Pesquisa
identificou personagens históricos e simbologia de disputas políticas em quadro
de Aurélio de Figueiredo
Aurélio de Figueiredo, 1856-1916 -^- 'Compromisso Constitucional' |
Em um contexto em que a
Constituição brasileira volta ao centro das discussões políticas, o ato de
jurar obediência à Carta Magna ganha nova simbologia com os 130 anos da
Proclamação da República.
A era republicana, que se
inicia em 1889 com marechal Deodoro da Fonseca como presidente
promulgado, se consolida quando ele é eleito indiretamente em 1891 pelos
parlamentares da Assembleia Constituinte. Os legisladores também formulam a
primeira Constituição do novo regime.
É a Constituição de 1891 que está
acima do novo presidente e à qual ele precisa jurar obediência —sua
interpretação não deve mudar conforme os anseios do momento.

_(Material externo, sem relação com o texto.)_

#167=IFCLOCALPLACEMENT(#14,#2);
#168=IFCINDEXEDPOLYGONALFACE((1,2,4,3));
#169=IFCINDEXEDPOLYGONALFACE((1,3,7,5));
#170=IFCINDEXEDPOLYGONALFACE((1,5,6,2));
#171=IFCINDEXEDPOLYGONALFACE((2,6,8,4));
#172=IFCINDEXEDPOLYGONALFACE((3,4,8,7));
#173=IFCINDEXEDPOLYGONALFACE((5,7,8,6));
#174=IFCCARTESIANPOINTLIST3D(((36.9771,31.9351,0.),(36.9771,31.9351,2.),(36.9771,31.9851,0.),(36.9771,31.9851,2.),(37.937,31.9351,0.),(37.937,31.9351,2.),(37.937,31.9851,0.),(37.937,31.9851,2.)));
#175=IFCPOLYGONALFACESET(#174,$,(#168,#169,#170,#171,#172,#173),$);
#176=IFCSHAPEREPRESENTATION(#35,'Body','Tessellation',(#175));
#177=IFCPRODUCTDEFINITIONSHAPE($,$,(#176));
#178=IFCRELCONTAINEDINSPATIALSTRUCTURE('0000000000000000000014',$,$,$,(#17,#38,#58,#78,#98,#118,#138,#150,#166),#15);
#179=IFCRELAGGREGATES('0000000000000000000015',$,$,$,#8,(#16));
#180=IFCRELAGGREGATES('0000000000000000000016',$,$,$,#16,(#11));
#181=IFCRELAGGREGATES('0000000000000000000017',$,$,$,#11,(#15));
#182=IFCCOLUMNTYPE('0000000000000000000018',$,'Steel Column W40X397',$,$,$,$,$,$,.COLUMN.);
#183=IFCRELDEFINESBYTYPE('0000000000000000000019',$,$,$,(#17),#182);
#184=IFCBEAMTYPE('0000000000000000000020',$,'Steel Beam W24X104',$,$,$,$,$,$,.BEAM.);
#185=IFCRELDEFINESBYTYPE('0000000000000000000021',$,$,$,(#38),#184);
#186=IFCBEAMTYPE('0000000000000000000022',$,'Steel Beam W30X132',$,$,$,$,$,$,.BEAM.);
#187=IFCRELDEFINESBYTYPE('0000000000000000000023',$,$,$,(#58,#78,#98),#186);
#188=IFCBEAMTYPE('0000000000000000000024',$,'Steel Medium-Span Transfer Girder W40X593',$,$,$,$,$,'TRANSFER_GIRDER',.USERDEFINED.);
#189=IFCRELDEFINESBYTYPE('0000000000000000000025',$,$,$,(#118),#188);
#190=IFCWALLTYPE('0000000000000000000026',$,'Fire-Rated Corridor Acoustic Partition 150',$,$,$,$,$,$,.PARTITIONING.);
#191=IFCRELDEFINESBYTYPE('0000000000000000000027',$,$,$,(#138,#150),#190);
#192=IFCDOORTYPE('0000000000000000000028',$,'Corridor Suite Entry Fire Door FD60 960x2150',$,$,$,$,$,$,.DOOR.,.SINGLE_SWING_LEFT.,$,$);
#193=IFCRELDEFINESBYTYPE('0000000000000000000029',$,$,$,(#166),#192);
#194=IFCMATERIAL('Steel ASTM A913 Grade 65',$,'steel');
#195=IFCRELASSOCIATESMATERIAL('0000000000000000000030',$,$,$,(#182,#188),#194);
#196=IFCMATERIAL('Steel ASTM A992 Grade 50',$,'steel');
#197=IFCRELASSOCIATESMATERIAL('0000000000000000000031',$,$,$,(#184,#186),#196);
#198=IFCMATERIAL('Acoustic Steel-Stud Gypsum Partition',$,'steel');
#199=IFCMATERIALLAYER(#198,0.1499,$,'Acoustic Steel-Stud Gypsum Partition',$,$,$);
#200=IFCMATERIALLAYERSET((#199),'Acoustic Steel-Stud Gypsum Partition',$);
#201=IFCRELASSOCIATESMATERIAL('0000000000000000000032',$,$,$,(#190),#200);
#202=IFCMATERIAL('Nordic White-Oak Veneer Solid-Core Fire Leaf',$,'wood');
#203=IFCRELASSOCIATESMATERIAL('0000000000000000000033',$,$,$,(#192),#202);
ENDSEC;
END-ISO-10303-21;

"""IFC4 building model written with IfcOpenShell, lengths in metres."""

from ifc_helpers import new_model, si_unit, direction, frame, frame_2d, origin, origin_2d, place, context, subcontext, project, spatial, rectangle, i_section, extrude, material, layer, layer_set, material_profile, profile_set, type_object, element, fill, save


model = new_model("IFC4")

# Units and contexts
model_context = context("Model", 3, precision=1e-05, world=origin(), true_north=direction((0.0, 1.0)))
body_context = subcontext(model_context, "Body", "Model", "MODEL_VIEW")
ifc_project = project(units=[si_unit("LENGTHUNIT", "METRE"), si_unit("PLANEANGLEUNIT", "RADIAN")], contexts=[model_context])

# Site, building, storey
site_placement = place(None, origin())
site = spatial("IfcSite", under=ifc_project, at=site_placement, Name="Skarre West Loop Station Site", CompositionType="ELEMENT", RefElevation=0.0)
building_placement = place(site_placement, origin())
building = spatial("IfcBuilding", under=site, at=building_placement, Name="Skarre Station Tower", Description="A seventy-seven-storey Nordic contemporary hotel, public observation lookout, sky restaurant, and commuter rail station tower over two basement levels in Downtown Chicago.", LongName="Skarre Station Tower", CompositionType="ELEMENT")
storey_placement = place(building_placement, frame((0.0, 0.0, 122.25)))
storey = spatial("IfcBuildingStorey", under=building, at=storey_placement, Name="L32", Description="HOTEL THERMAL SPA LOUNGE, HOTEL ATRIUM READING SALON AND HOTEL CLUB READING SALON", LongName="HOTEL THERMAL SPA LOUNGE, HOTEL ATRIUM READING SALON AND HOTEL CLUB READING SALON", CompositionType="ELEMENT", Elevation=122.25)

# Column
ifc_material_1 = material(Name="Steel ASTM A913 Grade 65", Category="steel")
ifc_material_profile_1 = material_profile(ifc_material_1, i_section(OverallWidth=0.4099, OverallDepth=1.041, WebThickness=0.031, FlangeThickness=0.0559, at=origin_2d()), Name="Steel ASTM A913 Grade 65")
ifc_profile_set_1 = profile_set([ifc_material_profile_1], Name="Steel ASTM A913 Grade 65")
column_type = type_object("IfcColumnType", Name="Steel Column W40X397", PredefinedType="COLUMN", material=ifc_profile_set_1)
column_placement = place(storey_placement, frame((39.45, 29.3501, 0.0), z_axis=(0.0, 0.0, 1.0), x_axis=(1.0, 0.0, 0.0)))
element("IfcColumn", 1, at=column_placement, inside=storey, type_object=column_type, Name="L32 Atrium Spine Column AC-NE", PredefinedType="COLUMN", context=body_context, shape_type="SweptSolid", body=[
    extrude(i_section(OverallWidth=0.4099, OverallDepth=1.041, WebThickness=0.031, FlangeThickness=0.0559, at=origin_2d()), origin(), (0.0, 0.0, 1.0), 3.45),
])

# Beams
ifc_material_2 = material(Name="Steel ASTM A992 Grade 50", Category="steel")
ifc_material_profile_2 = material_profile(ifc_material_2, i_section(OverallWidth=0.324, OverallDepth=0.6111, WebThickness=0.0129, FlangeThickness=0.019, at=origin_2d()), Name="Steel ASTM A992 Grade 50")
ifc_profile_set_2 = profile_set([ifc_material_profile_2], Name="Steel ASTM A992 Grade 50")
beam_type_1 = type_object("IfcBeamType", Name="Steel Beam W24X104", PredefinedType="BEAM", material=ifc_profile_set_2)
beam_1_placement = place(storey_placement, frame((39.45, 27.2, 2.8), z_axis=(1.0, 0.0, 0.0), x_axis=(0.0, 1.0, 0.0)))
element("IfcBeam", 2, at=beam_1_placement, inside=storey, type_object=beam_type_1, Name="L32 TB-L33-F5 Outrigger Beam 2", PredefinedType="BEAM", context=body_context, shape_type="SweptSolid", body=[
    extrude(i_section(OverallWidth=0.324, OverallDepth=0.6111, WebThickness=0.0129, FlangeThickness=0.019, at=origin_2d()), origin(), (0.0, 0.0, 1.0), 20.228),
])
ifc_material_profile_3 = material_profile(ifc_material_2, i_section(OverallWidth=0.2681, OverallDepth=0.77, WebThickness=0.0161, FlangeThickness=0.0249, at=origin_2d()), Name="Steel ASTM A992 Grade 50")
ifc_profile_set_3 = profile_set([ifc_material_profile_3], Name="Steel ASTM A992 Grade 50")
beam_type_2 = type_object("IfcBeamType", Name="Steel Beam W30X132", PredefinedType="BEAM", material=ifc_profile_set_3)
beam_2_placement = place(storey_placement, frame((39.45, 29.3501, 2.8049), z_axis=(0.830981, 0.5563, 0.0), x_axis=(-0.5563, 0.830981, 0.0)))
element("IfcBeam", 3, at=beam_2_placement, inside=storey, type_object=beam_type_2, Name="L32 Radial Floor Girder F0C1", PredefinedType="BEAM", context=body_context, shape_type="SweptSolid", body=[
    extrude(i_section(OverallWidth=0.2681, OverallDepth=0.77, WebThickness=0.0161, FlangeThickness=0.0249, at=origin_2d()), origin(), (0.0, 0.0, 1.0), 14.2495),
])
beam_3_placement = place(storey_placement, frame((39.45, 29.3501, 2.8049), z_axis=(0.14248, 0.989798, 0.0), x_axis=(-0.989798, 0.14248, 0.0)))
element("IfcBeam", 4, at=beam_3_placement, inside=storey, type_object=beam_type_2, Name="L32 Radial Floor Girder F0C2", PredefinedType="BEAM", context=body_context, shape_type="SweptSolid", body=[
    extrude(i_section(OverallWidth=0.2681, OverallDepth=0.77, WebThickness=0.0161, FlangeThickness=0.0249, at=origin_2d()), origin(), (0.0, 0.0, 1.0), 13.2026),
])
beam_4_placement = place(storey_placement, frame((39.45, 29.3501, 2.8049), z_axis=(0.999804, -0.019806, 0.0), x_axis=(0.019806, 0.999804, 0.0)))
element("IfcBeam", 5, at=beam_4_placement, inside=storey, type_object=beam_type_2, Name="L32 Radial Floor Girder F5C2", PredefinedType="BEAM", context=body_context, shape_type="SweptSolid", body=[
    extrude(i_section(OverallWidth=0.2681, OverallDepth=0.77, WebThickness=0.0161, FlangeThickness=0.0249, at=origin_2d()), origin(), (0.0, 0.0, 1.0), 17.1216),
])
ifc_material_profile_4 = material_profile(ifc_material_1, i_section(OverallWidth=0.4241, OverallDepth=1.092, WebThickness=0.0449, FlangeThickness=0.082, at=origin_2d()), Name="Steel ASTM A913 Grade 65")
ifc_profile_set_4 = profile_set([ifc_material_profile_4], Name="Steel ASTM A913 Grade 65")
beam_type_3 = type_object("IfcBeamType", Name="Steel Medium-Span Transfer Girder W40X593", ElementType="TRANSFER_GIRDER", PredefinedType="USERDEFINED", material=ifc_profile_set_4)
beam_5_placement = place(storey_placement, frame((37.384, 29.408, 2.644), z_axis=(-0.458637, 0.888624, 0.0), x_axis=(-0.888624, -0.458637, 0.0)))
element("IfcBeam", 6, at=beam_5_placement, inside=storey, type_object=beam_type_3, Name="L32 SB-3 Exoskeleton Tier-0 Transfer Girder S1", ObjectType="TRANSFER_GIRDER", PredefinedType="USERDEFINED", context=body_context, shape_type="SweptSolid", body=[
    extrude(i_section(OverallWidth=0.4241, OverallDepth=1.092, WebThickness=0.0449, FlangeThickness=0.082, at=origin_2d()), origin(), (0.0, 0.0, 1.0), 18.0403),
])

A cena, a primeira do tipo,
foi registrada em ‘Compromisso Constitucional’, um icônico óleo sobre tela, de 3,30m de altura
por 2,57m de largura, pintada pelo republicano e abolicionista Aurélio de
Figueiredo, 1856-1916. O artista também pintou ‘O Último Baile da Ilha
Fiscal’, que retrata o evento luxuoso às vésperas da derrubada do Império.
‘A obra tem um simbolismo
muito forte. Está representado ali o início da República, é quando a República
está sendo constituída no Brasil, quando o presidente jura obediência à
Constituição. Isso tem uma importância extraordinária’, explica Mário Chagas,
diretor do Museu da República, no Rio de Janeiro, onde a pintura fica exposta.
A tela leva o mesmo nome da
cerimônia que se repete a cada novo mandato presidencial desde então. ‘Compromisso
Constitucional’ foi pintado cinco anos depois da Proclamação para ornar a nova
sede do governo e deixar registrado o momento para a posteridade.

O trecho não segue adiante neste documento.